Nasse Dämmung

27.12.2007



Hallo Zusammen,

Problembeschreibung:

Habe ein 2-geschossiges Haus, wo Ich momentan nur im 1. EG wohne und beheize. Das 2 - Geschoß ist unbewohnt und hat keine Decken, nur das Schrägdach. Das Schrägdach hat ein Winkel ca. 8 Grad.
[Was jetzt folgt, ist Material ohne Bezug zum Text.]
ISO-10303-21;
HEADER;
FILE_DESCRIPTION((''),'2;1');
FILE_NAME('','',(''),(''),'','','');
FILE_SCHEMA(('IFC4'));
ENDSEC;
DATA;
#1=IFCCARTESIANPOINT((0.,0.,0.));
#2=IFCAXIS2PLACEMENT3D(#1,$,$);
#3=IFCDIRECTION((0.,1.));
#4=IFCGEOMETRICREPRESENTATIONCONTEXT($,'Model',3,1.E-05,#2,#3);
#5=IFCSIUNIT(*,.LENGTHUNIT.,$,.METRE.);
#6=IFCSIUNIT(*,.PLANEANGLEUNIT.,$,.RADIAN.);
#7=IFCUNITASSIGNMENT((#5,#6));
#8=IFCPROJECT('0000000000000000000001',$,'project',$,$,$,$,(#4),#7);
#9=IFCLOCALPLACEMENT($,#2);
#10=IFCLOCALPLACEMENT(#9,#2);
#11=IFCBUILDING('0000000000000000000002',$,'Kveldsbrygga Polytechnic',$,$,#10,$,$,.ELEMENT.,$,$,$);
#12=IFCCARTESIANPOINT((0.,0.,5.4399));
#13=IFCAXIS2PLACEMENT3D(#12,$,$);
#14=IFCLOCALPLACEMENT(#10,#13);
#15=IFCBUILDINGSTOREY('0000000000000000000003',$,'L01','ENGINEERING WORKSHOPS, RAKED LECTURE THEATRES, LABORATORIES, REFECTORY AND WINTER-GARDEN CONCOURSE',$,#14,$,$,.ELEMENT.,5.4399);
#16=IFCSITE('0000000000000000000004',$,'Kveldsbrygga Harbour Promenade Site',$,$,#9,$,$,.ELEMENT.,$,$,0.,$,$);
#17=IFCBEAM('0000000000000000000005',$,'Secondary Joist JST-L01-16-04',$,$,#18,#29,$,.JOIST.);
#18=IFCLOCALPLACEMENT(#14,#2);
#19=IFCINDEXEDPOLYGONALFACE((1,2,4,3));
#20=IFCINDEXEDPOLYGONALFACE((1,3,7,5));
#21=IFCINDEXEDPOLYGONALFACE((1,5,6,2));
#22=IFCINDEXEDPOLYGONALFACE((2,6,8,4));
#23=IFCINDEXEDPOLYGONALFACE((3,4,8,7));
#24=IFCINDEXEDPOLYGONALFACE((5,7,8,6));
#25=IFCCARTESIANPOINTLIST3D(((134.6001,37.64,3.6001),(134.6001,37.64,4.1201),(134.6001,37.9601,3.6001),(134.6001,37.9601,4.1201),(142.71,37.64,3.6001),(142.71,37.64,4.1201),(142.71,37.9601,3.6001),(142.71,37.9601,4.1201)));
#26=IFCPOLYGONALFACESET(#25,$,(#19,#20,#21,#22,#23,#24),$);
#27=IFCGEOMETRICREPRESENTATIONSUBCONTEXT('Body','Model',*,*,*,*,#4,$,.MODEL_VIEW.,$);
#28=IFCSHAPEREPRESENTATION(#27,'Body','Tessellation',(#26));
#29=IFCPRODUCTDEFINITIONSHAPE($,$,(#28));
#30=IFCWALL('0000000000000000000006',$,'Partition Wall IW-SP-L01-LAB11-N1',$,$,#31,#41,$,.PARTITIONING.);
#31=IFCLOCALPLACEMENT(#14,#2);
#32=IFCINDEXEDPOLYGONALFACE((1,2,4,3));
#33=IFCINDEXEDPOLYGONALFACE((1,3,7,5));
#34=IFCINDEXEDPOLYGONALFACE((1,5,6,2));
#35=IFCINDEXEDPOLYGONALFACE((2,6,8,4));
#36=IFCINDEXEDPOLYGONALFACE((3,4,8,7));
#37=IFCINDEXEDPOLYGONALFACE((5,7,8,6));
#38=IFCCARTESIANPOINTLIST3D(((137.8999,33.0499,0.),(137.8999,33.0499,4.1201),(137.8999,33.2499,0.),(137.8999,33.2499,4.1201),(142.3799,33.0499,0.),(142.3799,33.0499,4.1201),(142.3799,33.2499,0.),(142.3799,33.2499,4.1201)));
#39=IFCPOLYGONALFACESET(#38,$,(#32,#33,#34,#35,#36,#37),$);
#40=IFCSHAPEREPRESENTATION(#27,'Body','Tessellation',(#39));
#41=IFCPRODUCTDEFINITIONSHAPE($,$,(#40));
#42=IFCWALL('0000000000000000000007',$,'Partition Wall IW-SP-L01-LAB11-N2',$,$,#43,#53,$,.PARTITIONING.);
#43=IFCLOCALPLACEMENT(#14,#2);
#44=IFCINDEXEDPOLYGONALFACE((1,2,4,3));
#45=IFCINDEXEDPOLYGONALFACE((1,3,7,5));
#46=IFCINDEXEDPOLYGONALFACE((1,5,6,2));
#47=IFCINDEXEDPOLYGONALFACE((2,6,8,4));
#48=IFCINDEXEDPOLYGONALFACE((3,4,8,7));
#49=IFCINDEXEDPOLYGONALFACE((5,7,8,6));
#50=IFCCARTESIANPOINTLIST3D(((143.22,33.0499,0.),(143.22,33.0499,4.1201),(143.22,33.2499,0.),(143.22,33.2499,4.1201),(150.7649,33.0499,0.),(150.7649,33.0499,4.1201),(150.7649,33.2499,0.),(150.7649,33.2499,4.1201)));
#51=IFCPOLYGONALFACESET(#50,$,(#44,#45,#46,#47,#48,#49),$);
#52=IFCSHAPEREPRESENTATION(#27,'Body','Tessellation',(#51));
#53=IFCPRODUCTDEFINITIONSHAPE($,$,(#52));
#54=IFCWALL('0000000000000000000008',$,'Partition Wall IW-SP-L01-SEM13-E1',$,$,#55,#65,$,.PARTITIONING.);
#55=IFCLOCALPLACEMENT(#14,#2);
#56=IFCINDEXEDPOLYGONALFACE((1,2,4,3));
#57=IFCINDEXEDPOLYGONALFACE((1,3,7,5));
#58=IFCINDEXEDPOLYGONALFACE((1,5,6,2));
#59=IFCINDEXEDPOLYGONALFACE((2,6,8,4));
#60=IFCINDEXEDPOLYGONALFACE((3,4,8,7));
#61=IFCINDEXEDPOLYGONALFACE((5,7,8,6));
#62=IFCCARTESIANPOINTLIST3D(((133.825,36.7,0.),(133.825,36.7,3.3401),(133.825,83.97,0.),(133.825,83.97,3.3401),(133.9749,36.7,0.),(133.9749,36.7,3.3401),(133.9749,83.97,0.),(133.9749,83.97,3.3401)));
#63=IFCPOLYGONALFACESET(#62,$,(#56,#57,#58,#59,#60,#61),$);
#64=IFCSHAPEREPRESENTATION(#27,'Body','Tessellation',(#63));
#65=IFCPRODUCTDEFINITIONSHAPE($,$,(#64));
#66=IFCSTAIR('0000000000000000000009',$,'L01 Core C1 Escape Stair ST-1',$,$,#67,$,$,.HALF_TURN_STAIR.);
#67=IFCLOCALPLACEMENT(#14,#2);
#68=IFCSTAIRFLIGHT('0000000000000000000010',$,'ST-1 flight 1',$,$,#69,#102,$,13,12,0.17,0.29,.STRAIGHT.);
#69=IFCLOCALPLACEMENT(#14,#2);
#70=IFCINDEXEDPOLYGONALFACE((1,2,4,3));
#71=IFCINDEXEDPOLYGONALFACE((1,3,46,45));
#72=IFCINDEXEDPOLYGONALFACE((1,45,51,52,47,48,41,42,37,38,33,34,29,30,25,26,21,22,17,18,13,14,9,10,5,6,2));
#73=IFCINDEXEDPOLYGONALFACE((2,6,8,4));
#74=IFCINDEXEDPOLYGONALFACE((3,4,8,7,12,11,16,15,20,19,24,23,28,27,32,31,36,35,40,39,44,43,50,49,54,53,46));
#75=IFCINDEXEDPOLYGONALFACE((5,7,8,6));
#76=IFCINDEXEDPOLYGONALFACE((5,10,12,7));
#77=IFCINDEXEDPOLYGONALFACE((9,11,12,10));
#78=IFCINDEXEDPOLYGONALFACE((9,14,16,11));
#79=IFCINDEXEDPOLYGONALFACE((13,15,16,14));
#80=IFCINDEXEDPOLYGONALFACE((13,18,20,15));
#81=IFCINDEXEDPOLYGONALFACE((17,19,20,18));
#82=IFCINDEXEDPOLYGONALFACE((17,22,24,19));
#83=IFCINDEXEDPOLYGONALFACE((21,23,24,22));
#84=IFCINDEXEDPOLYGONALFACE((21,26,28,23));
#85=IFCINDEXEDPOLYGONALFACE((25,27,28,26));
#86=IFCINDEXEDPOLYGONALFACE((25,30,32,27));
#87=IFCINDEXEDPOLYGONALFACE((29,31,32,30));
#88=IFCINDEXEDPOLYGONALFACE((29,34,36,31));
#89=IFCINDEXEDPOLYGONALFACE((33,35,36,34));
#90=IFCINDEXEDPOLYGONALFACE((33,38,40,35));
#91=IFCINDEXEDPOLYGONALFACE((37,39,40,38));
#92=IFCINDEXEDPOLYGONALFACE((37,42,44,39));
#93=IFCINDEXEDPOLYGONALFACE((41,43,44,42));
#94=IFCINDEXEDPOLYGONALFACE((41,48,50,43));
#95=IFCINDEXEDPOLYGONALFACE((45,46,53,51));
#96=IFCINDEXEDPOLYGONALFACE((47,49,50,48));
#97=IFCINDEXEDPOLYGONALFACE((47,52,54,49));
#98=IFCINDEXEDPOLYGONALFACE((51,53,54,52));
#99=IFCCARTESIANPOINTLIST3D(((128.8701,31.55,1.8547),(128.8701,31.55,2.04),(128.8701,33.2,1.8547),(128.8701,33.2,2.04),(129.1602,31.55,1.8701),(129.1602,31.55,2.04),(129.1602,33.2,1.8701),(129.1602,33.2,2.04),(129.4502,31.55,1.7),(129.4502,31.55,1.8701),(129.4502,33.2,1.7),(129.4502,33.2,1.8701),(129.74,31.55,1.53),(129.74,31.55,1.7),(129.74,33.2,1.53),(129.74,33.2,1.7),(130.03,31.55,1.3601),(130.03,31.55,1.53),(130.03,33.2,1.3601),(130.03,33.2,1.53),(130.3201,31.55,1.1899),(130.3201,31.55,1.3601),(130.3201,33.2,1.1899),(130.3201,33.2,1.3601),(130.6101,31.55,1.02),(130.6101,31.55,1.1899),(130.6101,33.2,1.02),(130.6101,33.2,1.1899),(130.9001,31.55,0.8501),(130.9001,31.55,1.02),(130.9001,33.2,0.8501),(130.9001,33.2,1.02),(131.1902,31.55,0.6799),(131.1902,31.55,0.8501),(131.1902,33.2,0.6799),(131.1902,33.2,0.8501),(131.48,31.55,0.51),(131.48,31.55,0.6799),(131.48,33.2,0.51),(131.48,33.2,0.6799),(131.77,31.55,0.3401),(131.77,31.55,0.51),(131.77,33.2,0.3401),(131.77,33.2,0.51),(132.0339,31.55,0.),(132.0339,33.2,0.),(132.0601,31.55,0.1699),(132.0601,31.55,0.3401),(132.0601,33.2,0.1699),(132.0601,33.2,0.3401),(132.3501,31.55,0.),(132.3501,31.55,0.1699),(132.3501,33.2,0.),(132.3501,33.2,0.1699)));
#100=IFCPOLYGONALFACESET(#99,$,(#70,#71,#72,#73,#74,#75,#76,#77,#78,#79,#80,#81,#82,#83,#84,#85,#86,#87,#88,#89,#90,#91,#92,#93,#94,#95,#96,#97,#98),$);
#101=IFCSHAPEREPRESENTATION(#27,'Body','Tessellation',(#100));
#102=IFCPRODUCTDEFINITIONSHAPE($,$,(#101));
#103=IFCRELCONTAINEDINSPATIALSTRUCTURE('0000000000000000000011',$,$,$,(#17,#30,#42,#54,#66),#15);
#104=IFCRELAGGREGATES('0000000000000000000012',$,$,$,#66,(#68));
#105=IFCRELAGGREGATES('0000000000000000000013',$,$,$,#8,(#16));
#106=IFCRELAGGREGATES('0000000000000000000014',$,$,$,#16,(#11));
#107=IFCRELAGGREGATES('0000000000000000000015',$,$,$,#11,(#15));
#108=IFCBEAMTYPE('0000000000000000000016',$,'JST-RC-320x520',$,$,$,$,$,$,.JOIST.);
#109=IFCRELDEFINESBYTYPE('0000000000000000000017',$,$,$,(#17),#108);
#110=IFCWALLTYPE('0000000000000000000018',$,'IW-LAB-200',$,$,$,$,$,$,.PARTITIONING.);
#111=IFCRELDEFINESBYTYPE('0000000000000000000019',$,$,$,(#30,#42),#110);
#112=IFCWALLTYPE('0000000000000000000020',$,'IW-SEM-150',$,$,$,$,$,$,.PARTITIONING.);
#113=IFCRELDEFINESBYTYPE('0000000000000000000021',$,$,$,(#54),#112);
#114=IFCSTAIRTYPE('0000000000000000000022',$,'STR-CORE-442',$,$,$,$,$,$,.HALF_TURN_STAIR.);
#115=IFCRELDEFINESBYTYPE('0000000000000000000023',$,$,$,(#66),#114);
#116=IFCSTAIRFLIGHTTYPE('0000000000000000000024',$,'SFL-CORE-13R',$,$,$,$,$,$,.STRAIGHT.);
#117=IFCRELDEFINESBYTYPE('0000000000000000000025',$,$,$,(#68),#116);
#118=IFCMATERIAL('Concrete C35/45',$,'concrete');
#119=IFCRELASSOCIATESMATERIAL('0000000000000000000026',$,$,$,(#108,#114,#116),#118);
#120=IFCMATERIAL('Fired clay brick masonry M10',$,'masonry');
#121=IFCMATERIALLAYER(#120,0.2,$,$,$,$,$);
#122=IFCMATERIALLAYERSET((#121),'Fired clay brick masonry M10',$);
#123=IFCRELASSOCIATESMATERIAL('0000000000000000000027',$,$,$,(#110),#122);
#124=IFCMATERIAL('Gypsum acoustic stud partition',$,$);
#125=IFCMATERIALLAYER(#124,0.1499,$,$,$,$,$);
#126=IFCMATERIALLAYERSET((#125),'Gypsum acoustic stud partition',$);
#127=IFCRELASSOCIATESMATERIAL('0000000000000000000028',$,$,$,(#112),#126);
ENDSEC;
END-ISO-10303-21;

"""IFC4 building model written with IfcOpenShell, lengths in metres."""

from ifc_helpers import new_model, si_unit, direction, frame, frame_2d, origin, origin_2d, place, context, subcontext, project, spatial, polyline, rectangle, outline, extrude, material, layer, layer_set, material_profile, profile_set, type_object, element, aggregate, save


model = new_model("IFC4")

# Units and contexts
model_context = context("Model", 3, precision=1e-05, world=origin(), true_north=direction((0.0, 1.0)))
body_context = subcontext(model_context, "Body", "Model", "MODEL_VIEW")
ifc_project = project(units=[si_unit("LENGTHUNIT", "METRE"), si_unit("PLANEANGLEUNIT", "RADIAN")], contexts=[model_context])

# Site, building, storey
site_placement = place(None, origin())
site = spatial("IfcSite", under=ifc_project, at=site_placement, Name="Kveldsbrygga Harbour Promenade Site", CompositionType="ELEMENT", RefElevation=0.0)
building_placement = place(site_placement, origin())
building = spatial("IfcBuilding", under=site, at=building_placement, Name="Kveldsbrygga Polytechnic", CompositionType="ELEMENT")
storey_placement = place(building_placement, frame((0.0, 0.0, 5.4399)))
storey = spatial("IfcBuildingStorey", under=building, at=storey_placement, Name="L01", Description="ENGINEERING WORKSHOPS, RAKED LECTURE THEATRES, LABORATORIES, REFECTORY AND WINTER-GARDEN CONCOURSE", CompositionType="ELEMENT", Elevation=5.4399)

# Beam
ifc_material_1 = material(Name="Concrete C35/45", Category="concrete")
ifc_material_profile_1 = material_profile(ifc_material_1, rectangle(XDim=0.3201, YDim=0.52, at=origin_2d()), Name="RC 320x520")
ifc_profile_set_1 = profile_set([ifc_material_profile_1], Name="Concrete C35/45")
beam_type_1 = type_object("IfcBeamType", Name="JST-RC-320x520", PredefinedType="JOIST", material=ifc_profile_set_1)
beam_1_placement = place(storey_placement, frame((134.6001, 37.8, 3.8601), z_axis=(1.0, 0.0, 0.0), x_axis=(0.0, 1.0, 0.0)))
element("IfcBeam", 1, at=beam_1_placement, inside=storey, type_object=beam_type_1, Name="Secondary Joist JST-L01-16-04", PredefinedType="JOIST", context=body_context, shape_type="SweptSolid", body=[
    extrude(rectangle(XDim=0.3201, YDim=0.52, at=origin_2d()), origin(), (0.0, 0.0, 1.0), 8.1099),
])

# Walls
ifc_material_2 = material(Name="Fired clay brick masonry M10", Category="masonry")
ifc_layer_1 = layer(ifc_material_2, 0.2)
ifc_layer_set_1 = layer_set([ifc_layer_1], Name="Fired clay brick masonry M10")
wall_type_1 = type_object("IfcWallType", Name="IW-LAB-200", PredefinedType="PARTITIONING", material=ifc_layer_set_1)
wall_1_placement = place(storey_placement, frame((137.8999, 33.1499, 0.0), z_axis=(0.0, 0.0, 1.0), x_axis=(1.0, 0.0, 0.0)))
element("IfcWall", 2, at=wall_1_placement, inside=storey, type_object=wall_type_1, Name="Partition Wall IW-SP-L01-LAB11-N1", PredefinedType="PARTITIONING", context=body_context, shape_type="SweptSolid", body=[
    extrude(rectangle(XDim=4.48, YDim=0.2, at=frame_2d((2.24, 0.0))), origin(), (0.0, 0.0, 1.0), 4.1201),
])
wall_2_placement = place(storey_placement, frame((143.22, 33.1499, 0.0), z_axis=(0.0, 0.0, 1.0), x_axis=(1.0, 0.0, 0.0)))
element("IfcWall", 3, at=wall_2_placement, inside=storey, type_object=wall_type_1, Name="Partition Wall IW-SP-L01-LAB11-N2", PredefinedType="PARTITIONING", context=body_context, shape_type="SweptSolid", body=[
Die Dämmfläche ist ca.80qm².
Der Dach-Aufbau ist von oben gesehen so aufgebaut : Dachpappe - OSB Platten - Dachlattung.
Zwischen der Dachlattung habe ich die Dämmung " Ursa Klemmfilz SF 035/180mm" (Dachlattung ist 200mm) 20mm Luft angebracht.
Da die Dampfsperrfolie nicht sofort angebracht wurde , hatte sich zwischen OSB-Platten und Dämmung Feuchtigkeit ; Schwitzwasser gebildet .
Meine Frage ist: soll Ich die Dämmung zwischen der Dachlattung abnehmen und auf den Boden legen zum trocknen ( da sich sonst Schimmel bildet ) oder muss man die Dämmung durch neue ersetzen.
Info: die Dämmung ist nicht ganz Durchfeuchtet ca.1/4 der Dämmdicke.



Danke im voraus

Mfg Salvatore



ungewöhnlicher Aufbau...



...Wer hat denn das gemacht (das Dach)? Nach außen sollte man immer diffusionsoffener werden! Und OSB sind so gut wie dampfdicht. Die Dämmung mußt du auf jeden Fall trocknen, ich frage mich nur, wie weiter? Sind es keine OSB, sondern Seekiefer (auch nicht sooooo viel besser)?. Da du sicher den Aufbau nicht mehr abreißen willst, solltest du dir mal einen Fachmann ins Haus holen. Gibt es zwischen Dämmung und OSB eine Hinterlüftung vom Trauf zum First?
Schau dir den ganzen Aufbau nochmal genau an und berichte.
Wenn der Aufbau tatsächlich so ist wie von dir beschrieben (ohne Hinterlüftung), ist es haarig...

Gruß Patrick.



..erstmal vieeelen Dank der Mühen...



Wenn Ich es richtig verstanden habe, mit der Hinterlüftung. Die Hinterlüftung sollte 20mm sein ,da die Dachsparren 200mm sind und die Dämmung 180mm ist.